Tahapan-Tahapan Tari Gandrung
b. Maju
Setelah banjar selesai, maka penandak dari memberikan selendang-selendang kepada karet tamu. Tamu-tamu pentinglah yang terlebih dahulu mendapat kesempatan menari bersama-sama. Biasanya karet tamu terdiri dari empat orang, membentuk bujur sangkar dengan penandak berada di tengah-tengah. Gandrung akan bertandang ke karet tamu satu persatu yang menari dengannya dengan gerakan-gerakan yang menggoda.

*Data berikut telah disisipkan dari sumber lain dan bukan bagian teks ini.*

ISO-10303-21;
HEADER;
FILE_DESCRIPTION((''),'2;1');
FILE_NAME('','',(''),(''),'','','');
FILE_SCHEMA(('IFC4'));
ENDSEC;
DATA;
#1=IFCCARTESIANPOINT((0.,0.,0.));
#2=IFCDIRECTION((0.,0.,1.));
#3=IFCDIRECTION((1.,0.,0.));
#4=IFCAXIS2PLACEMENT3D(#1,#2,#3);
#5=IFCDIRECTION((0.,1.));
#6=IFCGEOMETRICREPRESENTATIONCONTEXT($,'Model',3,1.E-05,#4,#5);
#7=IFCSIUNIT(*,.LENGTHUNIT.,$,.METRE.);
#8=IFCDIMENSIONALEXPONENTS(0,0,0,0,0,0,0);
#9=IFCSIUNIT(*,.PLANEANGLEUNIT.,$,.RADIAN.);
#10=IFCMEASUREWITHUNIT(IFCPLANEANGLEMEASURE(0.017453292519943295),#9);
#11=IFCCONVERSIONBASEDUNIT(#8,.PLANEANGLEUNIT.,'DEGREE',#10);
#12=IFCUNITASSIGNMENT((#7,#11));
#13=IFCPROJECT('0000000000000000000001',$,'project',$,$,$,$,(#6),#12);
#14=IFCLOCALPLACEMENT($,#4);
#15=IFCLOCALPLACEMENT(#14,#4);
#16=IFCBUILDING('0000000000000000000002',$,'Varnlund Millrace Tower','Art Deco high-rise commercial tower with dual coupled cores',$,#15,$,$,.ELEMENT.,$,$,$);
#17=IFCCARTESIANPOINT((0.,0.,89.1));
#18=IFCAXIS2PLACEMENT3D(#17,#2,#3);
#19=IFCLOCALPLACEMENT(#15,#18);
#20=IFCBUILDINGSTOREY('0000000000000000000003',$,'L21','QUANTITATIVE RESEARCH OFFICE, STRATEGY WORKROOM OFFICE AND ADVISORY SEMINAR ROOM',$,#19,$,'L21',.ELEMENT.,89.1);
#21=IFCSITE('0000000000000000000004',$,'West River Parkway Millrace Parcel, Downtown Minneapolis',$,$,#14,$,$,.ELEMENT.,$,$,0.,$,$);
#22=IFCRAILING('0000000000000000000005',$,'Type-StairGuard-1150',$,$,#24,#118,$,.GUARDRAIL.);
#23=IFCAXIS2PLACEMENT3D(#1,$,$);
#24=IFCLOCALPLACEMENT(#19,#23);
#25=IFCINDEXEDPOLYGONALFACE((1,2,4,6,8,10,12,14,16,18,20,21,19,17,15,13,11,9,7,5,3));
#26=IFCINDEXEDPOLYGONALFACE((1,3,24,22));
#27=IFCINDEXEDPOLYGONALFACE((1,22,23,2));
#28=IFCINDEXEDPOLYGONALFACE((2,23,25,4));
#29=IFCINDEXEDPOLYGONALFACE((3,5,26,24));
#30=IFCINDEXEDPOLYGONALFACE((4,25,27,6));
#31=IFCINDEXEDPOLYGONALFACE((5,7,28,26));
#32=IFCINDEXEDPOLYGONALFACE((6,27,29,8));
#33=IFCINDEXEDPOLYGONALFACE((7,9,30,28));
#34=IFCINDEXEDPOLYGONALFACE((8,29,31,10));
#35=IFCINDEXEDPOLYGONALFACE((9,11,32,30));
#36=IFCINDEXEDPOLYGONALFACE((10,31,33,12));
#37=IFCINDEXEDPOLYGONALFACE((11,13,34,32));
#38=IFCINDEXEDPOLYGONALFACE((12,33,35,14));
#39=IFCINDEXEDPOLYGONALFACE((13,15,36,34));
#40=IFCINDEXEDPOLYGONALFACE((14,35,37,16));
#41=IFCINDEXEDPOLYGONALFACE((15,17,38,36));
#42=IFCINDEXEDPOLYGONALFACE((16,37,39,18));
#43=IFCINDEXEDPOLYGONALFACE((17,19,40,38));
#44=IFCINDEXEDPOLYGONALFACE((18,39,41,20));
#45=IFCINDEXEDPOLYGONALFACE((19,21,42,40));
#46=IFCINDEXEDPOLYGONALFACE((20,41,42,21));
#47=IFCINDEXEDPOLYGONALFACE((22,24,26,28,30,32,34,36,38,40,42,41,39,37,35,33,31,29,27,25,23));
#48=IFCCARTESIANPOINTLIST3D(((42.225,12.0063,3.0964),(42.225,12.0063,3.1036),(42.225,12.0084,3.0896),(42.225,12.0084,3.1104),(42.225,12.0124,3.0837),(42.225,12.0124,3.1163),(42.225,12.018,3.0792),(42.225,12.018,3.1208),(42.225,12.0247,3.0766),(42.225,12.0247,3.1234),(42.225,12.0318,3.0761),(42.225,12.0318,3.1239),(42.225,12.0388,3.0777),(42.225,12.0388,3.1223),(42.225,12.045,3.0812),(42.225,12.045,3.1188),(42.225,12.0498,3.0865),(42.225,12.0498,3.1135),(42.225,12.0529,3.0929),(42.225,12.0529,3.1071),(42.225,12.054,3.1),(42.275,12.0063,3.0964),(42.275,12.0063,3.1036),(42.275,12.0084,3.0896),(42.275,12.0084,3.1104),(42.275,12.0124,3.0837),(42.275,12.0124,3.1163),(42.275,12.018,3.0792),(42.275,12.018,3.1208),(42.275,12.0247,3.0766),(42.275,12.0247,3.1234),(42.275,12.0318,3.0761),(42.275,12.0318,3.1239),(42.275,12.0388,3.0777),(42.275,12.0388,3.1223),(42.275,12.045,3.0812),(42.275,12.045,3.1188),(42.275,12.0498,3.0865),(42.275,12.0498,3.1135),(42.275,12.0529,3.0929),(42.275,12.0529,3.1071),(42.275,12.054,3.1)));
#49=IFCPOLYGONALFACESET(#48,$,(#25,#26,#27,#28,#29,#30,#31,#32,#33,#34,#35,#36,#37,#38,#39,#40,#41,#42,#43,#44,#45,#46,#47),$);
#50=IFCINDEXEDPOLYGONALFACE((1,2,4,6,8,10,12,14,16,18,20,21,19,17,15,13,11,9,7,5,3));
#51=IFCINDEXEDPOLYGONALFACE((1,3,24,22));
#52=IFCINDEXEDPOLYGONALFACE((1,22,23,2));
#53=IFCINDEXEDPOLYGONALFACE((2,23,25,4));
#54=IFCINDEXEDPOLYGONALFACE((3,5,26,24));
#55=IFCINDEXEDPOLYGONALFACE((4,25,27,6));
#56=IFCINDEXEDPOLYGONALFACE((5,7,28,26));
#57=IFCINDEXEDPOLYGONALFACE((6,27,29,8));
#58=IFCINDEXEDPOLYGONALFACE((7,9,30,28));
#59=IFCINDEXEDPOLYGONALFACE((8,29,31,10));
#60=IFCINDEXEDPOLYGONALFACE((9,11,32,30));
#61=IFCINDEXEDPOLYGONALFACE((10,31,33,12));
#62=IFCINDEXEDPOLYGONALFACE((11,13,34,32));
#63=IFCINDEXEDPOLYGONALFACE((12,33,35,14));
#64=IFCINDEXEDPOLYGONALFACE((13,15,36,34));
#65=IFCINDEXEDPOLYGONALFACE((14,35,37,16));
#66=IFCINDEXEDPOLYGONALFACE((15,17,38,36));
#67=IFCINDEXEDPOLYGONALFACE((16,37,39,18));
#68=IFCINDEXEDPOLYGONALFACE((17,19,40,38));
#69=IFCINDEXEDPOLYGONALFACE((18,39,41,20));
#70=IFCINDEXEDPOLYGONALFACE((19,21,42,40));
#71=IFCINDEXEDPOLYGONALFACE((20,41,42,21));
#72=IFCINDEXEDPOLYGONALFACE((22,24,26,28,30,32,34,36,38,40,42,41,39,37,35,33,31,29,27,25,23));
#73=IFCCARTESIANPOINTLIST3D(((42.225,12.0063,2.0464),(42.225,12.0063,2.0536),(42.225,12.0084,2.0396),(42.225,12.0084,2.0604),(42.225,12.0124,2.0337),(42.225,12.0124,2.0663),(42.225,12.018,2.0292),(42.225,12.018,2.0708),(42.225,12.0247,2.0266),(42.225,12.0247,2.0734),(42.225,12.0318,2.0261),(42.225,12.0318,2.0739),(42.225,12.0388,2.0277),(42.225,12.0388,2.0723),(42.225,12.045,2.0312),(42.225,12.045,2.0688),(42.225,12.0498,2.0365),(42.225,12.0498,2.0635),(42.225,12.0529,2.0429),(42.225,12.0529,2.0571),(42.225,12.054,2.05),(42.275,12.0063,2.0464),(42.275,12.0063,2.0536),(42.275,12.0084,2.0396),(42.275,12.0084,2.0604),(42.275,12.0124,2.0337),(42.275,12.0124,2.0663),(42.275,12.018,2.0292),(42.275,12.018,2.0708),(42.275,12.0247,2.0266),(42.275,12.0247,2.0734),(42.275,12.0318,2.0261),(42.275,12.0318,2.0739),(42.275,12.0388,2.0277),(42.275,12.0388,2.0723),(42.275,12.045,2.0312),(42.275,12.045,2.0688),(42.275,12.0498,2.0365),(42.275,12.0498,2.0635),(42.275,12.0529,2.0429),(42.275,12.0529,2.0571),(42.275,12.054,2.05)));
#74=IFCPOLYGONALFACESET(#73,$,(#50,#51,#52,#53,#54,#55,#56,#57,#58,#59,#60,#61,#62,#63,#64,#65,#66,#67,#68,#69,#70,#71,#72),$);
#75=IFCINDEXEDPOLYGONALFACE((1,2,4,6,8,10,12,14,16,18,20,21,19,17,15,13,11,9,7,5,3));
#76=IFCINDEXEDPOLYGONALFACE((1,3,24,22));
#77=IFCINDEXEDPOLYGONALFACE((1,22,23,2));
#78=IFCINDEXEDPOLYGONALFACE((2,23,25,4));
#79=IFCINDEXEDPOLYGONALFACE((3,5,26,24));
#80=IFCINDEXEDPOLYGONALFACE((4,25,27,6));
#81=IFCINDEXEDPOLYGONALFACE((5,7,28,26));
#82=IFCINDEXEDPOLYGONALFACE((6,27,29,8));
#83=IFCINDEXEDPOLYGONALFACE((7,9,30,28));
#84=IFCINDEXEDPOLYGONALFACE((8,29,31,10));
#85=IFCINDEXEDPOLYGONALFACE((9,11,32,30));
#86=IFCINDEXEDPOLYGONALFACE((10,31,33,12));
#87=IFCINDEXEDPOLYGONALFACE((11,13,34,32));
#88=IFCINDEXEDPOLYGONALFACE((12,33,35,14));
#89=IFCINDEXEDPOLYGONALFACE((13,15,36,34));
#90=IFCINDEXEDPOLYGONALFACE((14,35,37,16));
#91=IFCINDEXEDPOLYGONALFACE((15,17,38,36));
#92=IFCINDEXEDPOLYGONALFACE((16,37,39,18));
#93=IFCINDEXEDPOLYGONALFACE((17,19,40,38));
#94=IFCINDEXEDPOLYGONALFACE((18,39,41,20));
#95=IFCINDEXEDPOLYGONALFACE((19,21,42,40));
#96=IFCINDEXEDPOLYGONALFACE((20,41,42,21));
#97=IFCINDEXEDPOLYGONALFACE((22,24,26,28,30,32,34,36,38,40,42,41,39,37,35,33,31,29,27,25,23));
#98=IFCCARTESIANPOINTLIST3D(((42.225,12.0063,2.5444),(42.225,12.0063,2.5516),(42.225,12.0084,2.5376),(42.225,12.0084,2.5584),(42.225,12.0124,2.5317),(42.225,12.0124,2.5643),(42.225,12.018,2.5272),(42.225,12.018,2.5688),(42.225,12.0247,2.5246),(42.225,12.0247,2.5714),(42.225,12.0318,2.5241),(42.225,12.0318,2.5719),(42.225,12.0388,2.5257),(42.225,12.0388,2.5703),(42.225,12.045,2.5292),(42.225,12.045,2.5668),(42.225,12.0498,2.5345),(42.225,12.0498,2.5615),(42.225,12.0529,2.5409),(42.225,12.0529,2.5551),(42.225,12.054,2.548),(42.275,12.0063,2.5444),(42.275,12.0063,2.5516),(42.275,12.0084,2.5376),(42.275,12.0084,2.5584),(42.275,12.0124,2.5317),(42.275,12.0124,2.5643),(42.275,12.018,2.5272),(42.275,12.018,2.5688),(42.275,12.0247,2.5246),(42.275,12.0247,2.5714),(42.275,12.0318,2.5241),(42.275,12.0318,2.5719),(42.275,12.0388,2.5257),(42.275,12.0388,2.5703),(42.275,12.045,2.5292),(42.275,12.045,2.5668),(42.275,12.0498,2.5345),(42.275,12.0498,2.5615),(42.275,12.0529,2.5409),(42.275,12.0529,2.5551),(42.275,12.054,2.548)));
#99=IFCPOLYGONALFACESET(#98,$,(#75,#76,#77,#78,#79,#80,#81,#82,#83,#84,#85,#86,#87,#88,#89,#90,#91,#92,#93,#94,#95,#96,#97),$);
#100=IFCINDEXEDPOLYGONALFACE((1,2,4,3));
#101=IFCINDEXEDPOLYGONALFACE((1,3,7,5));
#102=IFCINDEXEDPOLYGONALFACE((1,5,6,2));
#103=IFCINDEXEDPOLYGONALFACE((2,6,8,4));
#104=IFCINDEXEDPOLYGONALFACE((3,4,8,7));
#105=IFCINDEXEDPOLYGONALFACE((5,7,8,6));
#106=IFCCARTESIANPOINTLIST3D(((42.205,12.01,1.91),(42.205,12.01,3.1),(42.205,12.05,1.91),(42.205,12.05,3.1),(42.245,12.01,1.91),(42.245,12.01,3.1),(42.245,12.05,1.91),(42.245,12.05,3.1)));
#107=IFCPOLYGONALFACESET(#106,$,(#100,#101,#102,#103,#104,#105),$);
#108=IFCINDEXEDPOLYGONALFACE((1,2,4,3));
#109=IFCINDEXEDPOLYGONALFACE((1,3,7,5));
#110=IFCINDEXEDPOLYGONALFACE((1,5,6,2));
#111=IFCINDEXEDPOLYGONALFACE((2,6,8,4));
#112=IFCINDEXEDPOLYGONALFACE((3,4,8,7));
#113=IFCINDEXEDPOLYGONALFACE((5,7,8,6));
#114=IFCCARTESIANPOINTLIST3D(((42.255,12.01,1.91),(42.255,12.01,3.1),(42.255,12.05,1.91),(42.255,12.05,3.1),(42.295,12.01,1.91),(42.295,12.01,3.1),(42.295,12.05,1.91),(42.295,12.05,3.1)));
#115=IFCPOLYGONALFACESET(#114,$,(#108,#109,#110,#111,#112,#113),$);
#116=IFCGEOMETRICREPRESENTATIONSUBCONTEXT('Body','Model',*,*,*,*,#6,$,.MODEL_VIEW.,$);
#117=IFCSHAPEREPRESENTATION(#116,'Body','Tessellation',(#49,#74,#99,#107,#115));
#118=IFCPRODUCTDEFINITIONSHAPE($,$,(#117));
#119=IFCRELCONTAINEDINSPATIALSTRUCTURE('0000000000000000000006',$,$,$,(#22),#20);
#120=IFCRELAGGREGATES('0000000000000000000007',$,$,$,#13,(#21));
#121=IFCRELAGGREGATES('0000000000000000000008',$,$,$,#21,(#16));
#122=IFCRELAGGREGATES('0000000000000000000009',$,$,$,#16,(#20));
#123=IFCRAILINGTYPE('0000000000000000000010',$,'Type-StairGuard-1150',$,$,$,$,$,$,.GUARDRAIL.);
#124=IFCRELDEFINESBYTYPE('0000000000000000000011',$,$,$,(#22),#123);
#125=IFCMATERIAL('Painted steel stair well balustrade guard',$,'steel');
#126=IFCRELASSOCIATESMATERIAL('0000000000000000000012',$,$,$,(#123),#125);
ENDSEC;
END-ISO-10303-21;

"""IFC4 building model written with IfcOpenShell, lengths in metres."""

from ifc_helpers import new_model, entity, si_unit, converted_unit, direction, frame, origin_with_axes, origin_2d_with_axis, place, context, subcontext, project, spatial, rectangle, circle, extrude, material, type_object, element, save


model = new_model("IFC4")

# Units and contexts
model_context = context("Model", 3, precision=1e-05, world=origin_with_axes(), true_north=direction((0.0, 1.0)))
body_context = subcontext(model_context, "Body", "Model", "MODEL_VIEW")
ifc_project = project(units=[si_unit("LENGTHUNIT", "METRE"), converted_unit("PLANEANGLEUNIT", "DEGREE", entity("IfcPlaneAngleMeasure", 0.017453292519943295), si_unit("PLANEANGLEUNIT", "RADIAN"), dimensions=[0, 0, 0, 0, 0, 0, 0])], contexts=[model_context])

# Site, building, storey
site_placement = place(None, origin_with_axes())
site = spatial("IfcSite", under=ifc_project, at=site_placement, Name="West River Parkway Millrace Parcel, Downtown Minneapolis", CompositionType="ELEMENT", RefElevation=0.0)
building_placement = place(site_placement, origin_with_axes())
building = spatial("IfcBuilding", under=site, at=building_placement, Name="Varnlund Millrace Tower", Description="Art Deco high-rise commercial tower with dual coupled cores", CompositionType="ELEMENT")
storey_placement = place(building_placement, frame((0.0, 0.0, 89.1), z_axis=(0.0, 0.0, 1.0), x_axis=(1.0, 0.0, 0.0)))
storey = spatial("IfcBuildingStorey", under=building, at=storey_placement, Name="L21", Description="QUANTITATIVE RESEARCH OFFICE, STRATEGY WORKROOM OFFICE AND ADVISORY SEMINAR ROOM", LongName="L21", CompositionType="ELEMENT", Elevation=89.1)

Itulah esensi dari ajojing gandrung, yakni menggambarkan hawa nafsu.
Setelah jadi menari, penandak akan bertandang ke rombongan penonton, dengan meminta alpa satu penonton untuk memilih lagu yang akan dibawakan. Acara ini diselang-seling antara maju dengan repen (nyanyian yang tak ditarikan), dengan berlangsung sepanjang malam hingga menjelang subuh. Kadang-kadang demonstrasi ini menimbulkan kekacauan, yang disebabkan bagi karet penonton yang menunggu giliran ataupun mabuk, sehingga perkelahian tak terelakkan lagi.
|.
Tahapan-Tahapan Tari Gandrung
c. Seblang Subuh
Bagian ini merupakan kesudahan dari seluruh rangkaian demonstrasi tercantol Banyuwangi. Setelah jadi melakukan maju dengan beradu sejenak, dimulailah belahan seblang subuh. Dimulai dengan gerakan penandak yang perlahan dengan penuh penghayatan, adakalanya dengan membawa baling-baling yang dikibas-kibaskan berdasarkan aksen ataupun tanpa membawa baling-baling sama banget dengan menyanyikan lagu-lagu bertema sedih andaikan seblang lokento. Suasana misterius terasa pada saat belahan seblang subuh ini, karena lagi terhubung erat dengan formalitas seblang. Ritual seblang adalah suatu formalitas pengobatan ataupun penyucian yang lagi dilakukan bagi penari-penari betina lanjut usia meski alot dijumpai. Pada masa sekarang ini, belahan seblang subuh kerap dihilangkan meskipun sebenarnya belahan ini jadi kesudahan suatu demonstrasi arena gandrung.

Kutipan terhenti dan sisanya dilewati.